一人称で綴られる主人公二人のモノローグに胸が締め付けられます

とある事情を抱えながら生きてきた高校生のあきは、駅のホームで見かける女の子、こんのさんに恋をしました。
その想いを、こんのさんについての描写を通してあきから吐露されていきますが、そこまで?とツッコミたくなってしまうほど詳細です。

これは人によると思いますが、第一章前編のあきの理性的ではなくなってしまう発想は、私にとって共感出来るものではありませんでした。
ただ読み進めると、それなら当然だと受け入れることが出来ます。なので初めに触れましたこんのさんの詳細な描写も、あきならではの着眼点なのです。
もちろんその理由は、ぜひ読んで確かめてみてください。

次にこんのさん。
こんのさんは自分の外見を卑下しているところがありますが、中身はとても可愛らしい子です。
あ。中身は、ではないですね。まだ自分では認められないと思いますが、こんのさんは外見も美しい子です。あきが教えてくれていました。

そんな二人ですが、あることがきっかけで顔見知りの関係になります。
ですがそこで、抱えている事情があきを阻むのです。

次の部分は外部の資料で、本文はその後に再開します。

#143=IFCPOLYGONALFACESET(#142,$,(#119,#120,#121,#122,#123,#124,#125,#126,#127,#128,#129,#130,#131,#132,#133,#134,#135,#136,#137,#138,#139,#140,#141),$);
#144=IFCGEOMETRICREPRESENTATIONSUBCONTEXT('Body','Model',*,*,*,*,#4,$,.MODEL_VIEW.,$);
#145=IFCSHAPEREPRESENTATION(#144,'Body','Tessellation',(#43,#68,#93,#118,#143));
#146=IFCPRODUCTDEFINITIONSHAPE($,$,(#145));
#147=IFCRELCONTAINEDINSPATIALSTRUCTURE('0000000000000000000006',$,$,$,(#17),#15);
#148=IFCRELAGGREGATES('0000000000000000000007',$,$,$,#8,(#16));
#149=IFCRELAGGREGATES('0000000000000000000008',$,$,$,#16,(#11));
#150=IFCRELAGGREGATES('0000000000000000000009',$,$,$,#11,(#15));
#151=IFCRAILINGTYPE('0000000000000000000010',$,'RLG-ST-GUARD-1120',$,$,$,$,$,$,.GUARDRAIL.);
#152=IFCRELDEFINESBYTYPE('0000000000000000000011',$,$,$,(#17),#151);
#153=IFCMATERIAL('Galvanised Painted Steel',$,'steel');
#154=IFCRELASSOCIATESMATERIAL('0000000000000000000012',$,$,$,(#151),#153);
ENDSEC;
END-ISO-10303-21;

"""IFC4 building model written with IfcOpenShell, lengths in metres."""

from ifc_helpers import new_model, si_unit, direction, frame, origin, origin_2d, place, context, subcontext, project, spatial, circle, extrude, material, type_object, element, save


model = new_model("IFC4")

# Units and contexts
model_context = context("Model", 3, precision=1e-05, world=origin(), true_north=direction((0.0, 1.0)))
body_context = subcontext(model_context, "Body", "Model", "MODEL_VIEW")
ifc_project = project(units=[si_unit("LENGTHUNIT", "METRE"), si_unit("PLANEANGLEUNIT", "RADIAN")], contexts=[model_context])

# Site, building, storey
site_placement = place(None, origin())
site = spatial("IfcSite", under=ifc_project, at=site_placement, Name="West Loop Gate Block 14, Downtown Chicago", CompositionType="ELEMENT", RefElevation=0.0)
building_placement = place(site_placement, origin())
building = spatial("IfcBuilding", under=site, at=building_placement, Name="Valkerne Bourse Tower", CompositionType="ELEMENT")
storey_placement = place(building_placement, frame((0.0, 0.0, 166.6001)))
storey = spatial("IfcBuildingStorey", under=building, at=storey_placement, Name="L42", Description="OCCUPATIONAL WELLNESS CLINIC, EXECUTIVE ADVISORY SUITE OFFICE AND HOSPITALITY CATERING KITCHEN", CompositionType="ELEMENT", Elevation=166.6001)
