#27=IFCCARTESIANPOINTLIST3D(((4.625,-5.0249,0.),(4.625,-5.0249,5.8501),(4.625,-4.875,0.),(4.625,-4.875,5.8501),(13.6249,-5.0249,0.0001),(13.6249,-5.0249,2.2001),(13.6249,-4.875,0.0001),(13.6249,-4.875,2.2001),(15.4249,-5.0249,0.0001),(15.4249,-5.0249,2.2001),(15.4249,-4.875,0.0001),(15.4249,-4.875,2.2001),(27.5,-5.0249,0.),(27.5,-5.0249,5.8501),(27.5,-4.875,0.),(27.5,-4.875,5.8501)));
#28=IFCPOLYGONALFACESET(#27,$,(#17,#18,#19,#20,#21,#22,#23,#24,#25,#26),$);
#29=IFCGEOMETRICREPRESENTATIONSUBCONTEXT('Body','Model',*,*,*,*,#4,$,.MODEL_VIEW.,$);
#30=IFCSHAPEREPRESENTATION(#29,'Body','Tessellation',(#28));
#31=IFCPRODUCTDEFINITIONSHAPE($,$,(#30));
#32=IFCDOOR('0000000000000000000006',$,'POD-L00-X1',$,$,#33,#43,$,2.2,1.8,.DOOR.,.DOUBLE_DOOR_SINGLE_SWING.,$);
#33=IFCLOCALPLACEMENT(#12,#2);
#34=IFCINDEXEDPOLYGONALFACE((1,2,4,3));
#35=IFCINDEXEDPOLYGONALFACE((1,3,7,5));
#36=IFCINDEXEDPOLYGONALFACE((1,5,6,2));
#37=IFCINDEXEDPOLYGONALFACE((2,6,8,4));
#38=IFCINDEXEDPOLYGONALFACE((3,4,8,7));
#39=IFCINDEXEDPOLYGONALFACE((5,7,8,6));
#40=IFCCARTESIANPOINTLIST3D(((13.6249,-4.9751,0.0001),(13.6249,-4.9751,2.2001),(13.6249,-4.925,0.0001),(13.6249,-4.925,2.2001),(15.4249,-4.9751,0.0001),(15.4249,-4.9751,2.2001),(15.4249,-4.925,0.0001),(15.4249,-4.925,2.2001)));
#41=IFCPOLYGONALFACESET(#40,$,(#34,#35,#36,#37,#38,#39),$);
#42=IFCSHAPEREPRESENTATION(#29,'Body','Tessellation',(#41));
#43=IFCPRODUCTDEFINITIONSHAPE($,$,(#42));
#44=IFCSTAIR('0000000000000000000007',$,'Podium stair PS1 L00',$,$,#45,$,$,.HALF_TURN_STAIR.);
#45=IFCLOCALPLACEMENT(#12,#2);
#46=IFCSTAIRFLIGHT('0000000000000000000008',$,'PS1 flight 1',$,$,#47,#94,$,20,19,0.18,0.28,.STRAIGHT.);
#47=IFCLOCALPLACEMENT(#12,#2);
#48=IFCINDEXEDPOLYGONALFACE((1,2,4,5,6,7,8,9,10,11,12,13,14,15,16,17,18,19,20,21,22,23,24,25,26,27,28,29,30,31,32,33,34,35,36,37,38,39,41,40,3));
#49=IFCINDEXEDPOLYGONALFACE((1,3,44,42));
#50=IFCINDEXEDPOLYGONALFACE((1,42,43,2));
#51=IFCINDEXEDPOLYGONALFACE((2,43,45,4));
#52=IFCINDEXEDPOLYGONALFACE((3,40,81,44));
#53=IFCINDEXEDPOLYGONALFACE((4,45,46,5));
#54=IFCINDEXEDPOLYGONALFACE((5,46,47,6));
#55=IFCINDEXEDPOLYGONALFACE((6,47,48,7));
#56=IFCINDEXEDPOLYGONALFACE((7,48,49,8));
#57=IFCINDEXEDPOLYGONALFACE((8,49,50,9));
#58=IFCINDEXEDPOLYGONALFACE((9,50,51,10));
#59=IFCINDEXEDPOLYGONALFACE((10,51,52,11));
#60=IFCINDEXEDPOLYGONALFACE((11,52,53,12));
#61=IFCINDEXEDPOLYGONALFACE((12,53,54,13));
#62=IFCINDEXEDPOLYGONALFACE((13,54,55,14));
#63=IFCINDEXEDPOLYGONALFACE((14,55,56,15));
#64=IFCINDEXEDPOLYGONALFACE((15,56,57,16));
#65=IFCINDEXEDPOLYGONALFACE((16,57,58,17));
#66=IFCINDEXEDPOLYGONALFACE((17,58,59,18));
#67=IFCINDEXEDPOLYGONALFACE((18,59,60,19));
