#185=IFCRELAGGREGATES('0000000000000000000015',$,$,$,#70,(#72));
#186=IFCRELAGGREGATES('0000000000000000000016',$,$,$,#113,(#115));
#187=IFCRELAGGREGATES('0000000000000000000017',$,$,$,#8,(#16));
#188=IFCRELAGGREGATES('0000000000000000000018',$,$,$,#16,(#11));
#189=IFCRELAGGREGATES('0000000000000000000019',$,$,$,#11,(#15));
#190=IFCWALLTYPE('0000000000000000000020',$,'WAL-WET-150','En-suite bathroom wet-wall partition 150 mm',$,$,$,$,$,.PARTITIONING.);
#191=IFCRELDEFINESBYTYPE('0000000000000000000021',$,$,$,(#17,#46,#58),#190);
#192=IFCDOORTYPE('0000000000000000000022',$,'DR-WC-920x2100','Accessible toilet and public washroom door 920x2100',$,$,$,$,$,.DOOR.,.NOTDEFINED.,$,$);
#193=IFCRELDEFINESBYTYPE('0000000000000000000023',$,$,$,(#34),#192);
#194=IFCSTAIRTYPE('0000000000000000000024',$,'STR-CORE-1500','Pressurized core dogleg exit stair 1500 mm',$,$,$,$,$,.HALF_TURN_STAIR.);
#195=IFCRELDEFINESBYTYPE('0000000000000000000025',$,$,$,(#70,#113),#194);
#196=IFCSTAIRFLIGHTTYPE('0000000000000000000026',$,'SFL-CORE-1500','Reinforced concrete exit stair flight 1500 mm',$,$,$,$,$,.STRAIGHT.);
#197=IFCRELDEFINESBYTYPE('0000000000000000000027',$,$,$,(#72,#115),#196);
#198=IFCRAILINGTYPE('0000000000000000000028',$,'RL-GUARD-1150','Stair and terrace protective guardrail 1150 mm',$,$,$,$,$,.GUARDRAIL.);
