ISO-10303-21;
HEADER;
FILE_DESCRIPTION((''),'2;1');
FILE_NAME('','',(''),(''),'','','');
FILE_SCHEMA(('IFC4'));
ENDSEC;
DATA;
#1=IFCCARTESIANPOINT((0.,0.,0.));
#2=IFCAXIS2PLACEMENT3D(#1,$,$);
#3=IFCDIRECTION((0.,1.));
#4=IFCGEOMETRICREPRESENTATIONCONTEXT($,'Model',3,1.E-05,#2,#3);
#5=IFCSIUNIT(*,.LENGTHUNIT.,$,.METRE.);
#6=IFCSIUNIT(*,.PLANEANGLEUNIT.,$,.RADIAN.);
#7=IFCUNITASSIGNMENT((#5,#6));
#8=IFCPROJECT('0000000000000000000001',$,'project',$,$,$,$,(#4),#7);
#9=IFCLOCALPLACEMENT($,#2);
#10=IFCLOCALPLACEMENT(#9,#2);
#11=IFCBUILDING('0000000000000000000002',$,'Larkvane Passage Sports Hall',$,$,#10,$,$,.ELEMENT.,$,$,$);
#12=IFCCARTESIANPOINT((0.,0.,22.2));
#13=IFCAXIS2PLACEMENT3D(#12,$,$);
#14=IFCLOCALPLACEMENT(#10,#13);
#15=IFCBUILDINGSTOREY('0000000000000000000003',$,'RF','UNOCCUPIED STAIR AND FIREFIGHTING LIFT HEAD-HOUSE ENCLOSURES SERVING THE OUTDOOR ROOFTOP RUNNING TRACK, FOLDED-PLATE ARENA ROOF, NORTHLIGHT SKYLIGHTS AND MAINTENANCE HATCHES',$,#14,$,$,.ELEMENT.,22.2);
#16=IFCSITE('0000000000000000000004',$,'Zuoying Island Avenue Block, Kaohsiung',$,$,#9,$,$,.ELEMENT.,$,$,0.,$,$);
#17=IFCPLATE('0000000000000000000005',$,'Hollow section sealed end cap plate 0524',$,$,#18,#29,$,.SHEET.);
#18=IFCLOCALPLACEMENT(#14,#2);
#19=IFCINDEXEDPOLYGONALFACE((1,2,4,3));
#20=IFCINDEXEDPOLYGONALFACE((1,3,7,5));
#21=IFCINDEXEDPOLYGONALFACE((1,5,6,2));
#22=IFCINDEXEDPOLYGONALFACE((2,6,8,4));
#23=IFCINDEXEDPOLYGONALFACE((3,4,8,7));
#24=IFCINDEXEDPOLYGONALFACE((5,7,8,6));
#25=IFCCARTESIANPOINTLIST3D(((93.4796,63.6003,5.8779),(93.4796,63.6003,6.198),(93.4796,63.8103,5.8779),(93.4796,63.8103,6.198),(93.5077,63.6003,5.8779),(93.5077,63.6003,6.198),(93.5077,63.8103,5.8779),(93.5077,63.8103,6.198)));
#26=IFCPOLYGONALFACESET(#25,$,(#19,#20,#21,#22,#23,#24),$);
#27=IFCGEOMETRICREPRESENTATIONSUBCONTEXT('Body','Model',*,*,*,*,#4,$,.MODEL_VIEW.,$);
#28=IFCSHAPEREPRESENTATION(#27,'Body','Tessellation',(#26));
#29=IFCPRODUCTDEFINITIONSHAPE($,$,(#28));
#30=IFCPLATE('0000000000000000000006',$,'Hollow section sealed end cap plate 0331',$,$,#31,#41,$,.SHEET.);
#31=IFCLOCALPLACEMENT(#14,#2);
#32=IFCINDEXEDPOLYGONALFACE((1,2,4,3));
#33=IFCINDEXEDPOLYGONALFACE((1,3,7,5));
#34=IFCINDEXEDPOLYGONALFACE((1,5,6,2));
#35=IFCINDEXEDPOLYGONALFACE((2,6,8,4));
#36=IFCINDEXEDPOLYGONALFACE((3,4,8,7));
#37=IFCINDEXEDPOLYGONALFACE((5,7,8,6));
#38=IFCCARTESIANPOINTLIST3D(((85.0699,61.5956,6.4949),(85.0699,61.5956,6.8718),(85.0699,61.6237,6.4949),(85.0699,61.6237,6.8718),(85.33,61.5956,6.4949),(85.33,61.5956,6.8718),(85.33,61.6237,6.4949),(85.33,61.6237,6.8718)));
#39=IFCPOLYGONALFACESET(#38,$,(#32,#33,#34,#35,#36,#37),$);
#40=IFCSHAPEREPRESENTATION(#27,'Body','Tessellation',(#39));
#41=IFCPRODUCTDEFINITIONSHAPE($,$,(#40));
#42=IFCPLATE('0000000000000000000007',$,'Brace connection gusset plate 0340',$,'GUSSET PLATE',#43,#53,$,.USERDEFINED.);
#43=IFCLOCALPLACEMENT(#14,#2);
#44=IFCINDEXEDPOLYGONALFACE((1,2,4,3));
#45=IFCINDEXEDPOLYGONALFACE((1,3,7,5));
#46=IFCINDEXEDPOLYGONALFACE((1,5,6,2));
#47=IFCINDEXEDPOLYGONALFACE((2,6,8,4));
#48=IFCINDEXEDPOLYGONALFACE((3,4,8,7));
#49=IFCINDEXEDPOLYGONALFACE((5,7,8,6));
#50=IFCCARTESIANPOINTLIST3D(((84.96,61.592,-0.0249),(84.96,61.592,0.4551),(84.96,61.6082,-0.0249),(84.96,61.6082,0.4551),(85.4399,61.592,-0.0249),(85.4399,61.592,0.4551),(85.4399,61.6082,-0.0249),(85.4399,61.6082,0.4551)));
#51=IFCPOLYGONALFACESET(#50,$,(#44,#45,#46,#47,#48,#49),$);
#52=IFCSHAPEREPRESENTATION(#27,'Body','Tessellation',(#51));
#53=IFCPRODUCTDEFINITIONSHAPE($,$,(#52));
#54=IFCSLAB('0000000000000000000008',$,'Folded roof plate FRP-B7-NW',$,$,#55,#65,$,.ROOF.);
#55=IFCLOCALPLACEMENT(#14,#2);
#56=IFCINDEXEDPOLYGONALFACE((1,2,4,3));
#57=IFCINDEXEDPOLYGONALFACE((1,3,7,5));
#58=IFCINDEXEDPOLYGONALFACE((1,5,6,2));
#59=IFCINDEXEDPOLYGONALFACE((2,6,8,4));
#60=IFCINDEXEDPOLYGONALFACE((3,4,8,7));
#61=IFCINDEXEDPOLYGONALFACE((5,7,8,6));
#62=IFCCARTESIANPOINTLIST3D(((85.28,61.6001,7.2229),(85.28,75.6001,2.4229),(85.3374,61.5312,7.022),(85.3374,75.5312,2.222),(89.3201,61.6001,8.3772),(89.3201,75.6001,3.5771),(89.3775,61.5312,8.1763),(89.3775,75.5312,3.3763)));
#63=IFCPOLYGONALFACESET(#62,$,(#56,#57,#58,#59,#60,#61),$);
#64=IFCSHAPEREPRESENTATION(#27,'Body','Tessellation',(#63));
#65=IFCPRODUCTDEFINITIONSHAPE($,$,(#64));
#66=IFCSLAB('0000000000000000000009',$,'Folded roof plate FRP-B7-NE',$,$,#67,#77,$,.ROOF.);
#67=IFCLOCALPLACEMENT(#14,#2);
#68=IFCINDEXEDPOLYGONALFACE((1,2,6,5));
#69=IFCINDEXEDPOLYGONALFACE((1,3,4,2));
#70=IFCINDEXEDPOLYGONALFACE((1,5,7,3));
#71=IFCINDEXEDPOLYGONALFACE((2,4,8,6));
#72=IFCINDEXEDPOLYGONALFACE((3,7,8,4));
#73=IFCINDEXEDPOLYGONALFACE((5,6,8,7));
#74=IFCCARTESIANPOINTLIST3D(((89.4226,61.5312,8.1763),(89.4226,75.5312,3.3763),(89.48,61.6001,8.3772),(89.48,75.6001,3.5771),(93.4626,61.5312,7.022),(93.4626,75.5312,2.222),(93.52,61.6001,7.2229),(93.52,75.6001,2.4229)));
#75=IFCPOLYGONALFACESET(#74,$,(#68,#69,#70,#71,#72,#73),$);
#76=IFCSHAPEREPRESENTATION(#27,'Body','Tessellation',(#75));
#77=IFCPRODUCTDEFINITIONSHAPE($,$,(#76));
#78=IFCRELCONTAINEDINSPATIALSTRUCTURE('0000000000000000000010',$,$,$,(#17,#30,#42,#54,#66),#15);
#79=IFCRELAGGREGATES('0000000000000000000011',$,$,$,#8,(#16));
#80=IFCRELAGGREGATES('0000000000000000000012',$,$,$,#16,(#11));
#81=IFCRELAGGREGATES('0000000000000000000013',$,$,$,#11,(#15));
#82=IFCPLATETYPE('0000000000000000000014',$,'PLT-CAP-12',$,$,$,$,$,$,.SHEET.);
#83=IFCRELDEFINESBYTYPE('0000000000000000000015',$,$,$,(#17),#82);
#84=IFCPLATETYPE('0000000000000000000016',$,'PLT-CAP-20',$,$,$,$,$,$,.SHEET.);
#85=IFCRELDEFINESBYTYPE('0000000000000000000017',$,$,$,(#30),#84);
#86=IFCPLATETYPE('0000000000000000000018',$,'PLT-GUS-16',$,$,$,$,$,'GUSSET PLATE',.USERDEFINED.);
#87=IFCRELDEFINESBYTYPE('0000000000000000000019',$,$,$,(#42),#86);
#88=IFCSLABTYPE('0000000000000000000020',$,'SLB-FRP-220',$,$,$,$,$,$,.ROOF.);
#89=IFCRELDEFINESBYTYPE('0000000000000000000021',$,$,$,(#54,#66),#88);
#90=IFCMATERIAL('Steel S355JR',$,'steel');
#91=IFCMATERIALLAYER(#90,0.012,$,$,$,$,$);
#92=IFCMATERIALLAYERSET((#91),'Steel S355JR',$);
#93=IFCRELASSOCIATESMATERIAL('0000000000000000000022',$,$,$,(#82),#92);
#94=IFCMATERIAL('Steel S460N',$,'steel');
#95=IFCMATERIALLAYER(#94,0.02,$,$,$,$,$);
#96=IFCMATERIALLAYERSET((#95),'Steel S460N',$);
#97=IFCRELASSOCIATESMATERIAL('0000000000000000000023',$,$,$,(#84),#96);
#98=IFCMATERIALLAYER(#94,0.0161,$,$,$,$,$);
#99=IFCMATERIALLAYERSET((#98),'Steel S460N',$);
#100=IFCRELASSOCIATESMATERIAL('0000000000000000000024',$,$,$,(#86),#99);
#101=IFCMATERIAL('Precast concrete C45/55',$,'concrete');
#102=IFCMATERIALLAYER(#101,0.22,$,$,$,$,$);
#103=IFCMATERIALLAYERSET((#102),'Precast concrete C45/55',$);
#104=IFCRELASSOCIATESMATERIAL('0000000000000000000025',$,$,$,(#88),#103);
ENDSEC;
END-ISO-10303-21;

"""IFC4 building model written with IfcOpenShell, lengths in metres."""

from ifc_helpers import new_model, si_unit, direction, frame, origin, origin_2d, place, context, subcontext, project, spatial, polyline, rectangle, outline, extrude, material, layer, layer_set, type_object, element, save


model = new_model("IFC4")

# Units and contexts
model_context = context("Model", 3, precision=1e-05, world=origin(), true_north=direction((0.0, 1.0)))
body_context = subcontext(model_context, "Body", "Model", "MODEL_VIEW")
ifc_project = project(units=[si_unit("LENGTHUNIT", "METRE"), si_unit("PLANEANGLEUNIT", "RADIAN")], contexts=[model_context])

# Site, building, storey
site_placement = place(None, origin())
site = spatial("IfcSite", under=ifc_project, at=site_placement, Name="Zuoying Island Avenue Block, Kaohsiung", CompositionType="ELEMENT", RefElevation=0.0)
building_placement = place(site_placement, origin())
building = spatial("IfcBuilding", under=site, at=building_placement, Name="Larkvane Passage Sports Hall", CompositionType="ELEMENT")
storey_placement = place(building_placement, frame((0.0, 0.0, 22.2)))
storey = spatial("IfcBuildingStorey", under=building, at=storey_placement, Name="RF", Description="UNOCCUPIED STAIR AND FIREFIGHTING LIFT HEAD-HOUSE ENCLOSURES SERVING THE OUTDOOR ROOFTOP RUNNING TRACK, FOLDED-PLATE ARENA ROOF, NORTHLIGHT SKYLIGHTS AND MAINTENANCE HATCHES", CompositionType="ELEMENT", Elevation=22.2)

# Shared definitions
ifc_material_1 = material(Name="Steel S355JR", Category="steel")
ifc_material_2 = material(Name="Steel S460N", Category="steel")

# Plates
ifc_layer_1 = layer(ifc_material_1, 0.012)
ifc_layer_set_1 = layer_set([ifc_layer_1], Name="Steel S355JR")
plate_type_1 = type_object("IfcPlateType", Name="PLT-CAP-12", PredefinedType="SHEET", material=ifc_layer_set_1)
for number, where, z_axis, x_axis, name in (
    (1, (93.4937, 63.7053, 5.8779), (0.0, 0.0, 1.0), (0.0, 1.0, 0.0), "Hollow section sealed end cap plate 0524"),
):
    element("IfcPlate", number, at=place(storey_placement, frame(where, z_axis=z_axis, x_axis=x_axis)), inside=storey, type_object=plate_type_1, Name=name, PredefinedType="SHEET", context=body_context, shape_type="SweptSolid", body=[
        extrude(rectangle(XDim=0.21, YDim=0.0281, at=origin_2d()), origin(), (0.0, 0.0, 1.0), 0.3201),
    ])
ifc_layer_2 = layer(ifc_material_2, 0.02)
ifc_layer_set_2 = layer_set([ifc_layer_2], Name="Steel S460N")
plate_type_2 = type_object("IfcPlateType", Name="PLT-CAP-20", PredefinedType="SHEET", material=ifc_layer_set_2)
plate_1_placement = place(storey_placement, frame((85.2, 61.6096, 6.4949), z_axis=(0.0, 0.0, 1.0), x_axis=(-1.0, 0.0, 0.0)))
element("IfcPlate", 2, at=plate_1_placement, inside=storey, type_object=plate_type_2, Name="Hollow section sealed end cap plate 0331", PredefinedType="SHEET", context=body_context, shape_type="SweptSolid", body=[
    extrude(rectangle(XDim=0.26, YDim=0.0281, at=origin_2d()), origin(), (0.0, 0.0, 1.0), 0.377),
])
ifc_layer_3 = layer(ifc_material_2, 0.0161)
ifc_layer_set_3 = layer_set([ifc_layer_3], Name="Steel S460N")
plate_type_3 = type_object("IfcPlateType", Name="PLT-GUS-16", ElementType="GUSSET PLATE", PredefinedType="USERDEFINED", material=ifc_layer_set_3)
plate_2_placement = place(storey_placement, frame((85.2, 61.6001, -0.0249), z_axis=(0.0, 0.0, 1.0), x_axis=(1.0, 0.0, 0.0)))
element("IfcPlate", 3, at=plate_2_placement, inside=storey, type_object=plate_type_3, Name="Brace connection gusset plate 0340", ObjectType="GUSSET PLATE", PredefinedType="USERDEFINED", context=body_context, shape_type="SweptSolid", body=[
    extrude(rectangle(XDim=0.48, YDim=0.0161, at=origin_2d()), origin(), (0.0, 0.0, 1.0), 0.48),
])

# Slabs
ifc_material_3 = material(Name="Precast concrete C45/55", Category="concrete")
ifc_layer_4 = layer(ifc_material_3, 0.22)
ifc_layer_set_4 = layer_set([ifc_layer_4], Name="Precast concrete C45/55")
slab_type = type_object("IfcSlabType", Name="SLB-FRP-220", PredefinedType="ROOF", material=ifc_layer_set_4)
slab_1_placement = place(storey_placement, frame((85.28, 61.6001, 7.2229), z_axis=(-0.260909, 0.313094, 0.913181), x_axis=(0.961524, 0.0, 0.274721)))
element("IfcSlab", 4, at=slab_1_placement, inside=storey, type_object=slab_type, Name="Folded roof plate FRP-B7-NW", PredefinedType="ROOF", context=body_context, shape_type="SweptSolid", body=[
    extrude(outline(polyline([(0.0, 0.0), (4.2017, 0.0), (2.883, 14.7412), (-1.3187, 14.7412), (0.0, 0.0)])), origin(), (0.0, 0.0, -1.0), 0.22),
])
slab_2_placement = place(storey_placement, frame((89.48, 61.6001, 8.3772), z_axis=(0.260909, 0.313094, 0.913181), x_axis=(0.961524, 0.0, -0.274721)))
element("IfcSlab", 5, at=slab_2_placement, inside=storey, type_object=slab_type, Name="Folded roof plate FRP-B7-NE", PredefinedType="ROOF", context=body_context, shape_type="SweptSolid", body=[
    extrude(outline(polyline([(0.0, 0.0), (4.2017, 0.0), (5.5204, 14.7412), (1.3187, 14.7412), (0.0, 0.0)])), origin(), (0.0, 0.0, -1.0), 0.22),
])

save(model, "model.ifc")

想いに待ったをかけるあきに、こんのさんはこんのさんで思い悩みます。

タイトルに書かせてもらった通り、一人称で綴られる「あき」と「こんのさん」のモノローグには胸が締め付けられますが、それは作家様が丁寧に書かれているからこそ。
抱える事情からくる恋心なのか、こんのさんはコンプレックスを乗り越えるのか、この先の展開をぜひ読んで追い掛けてみてください。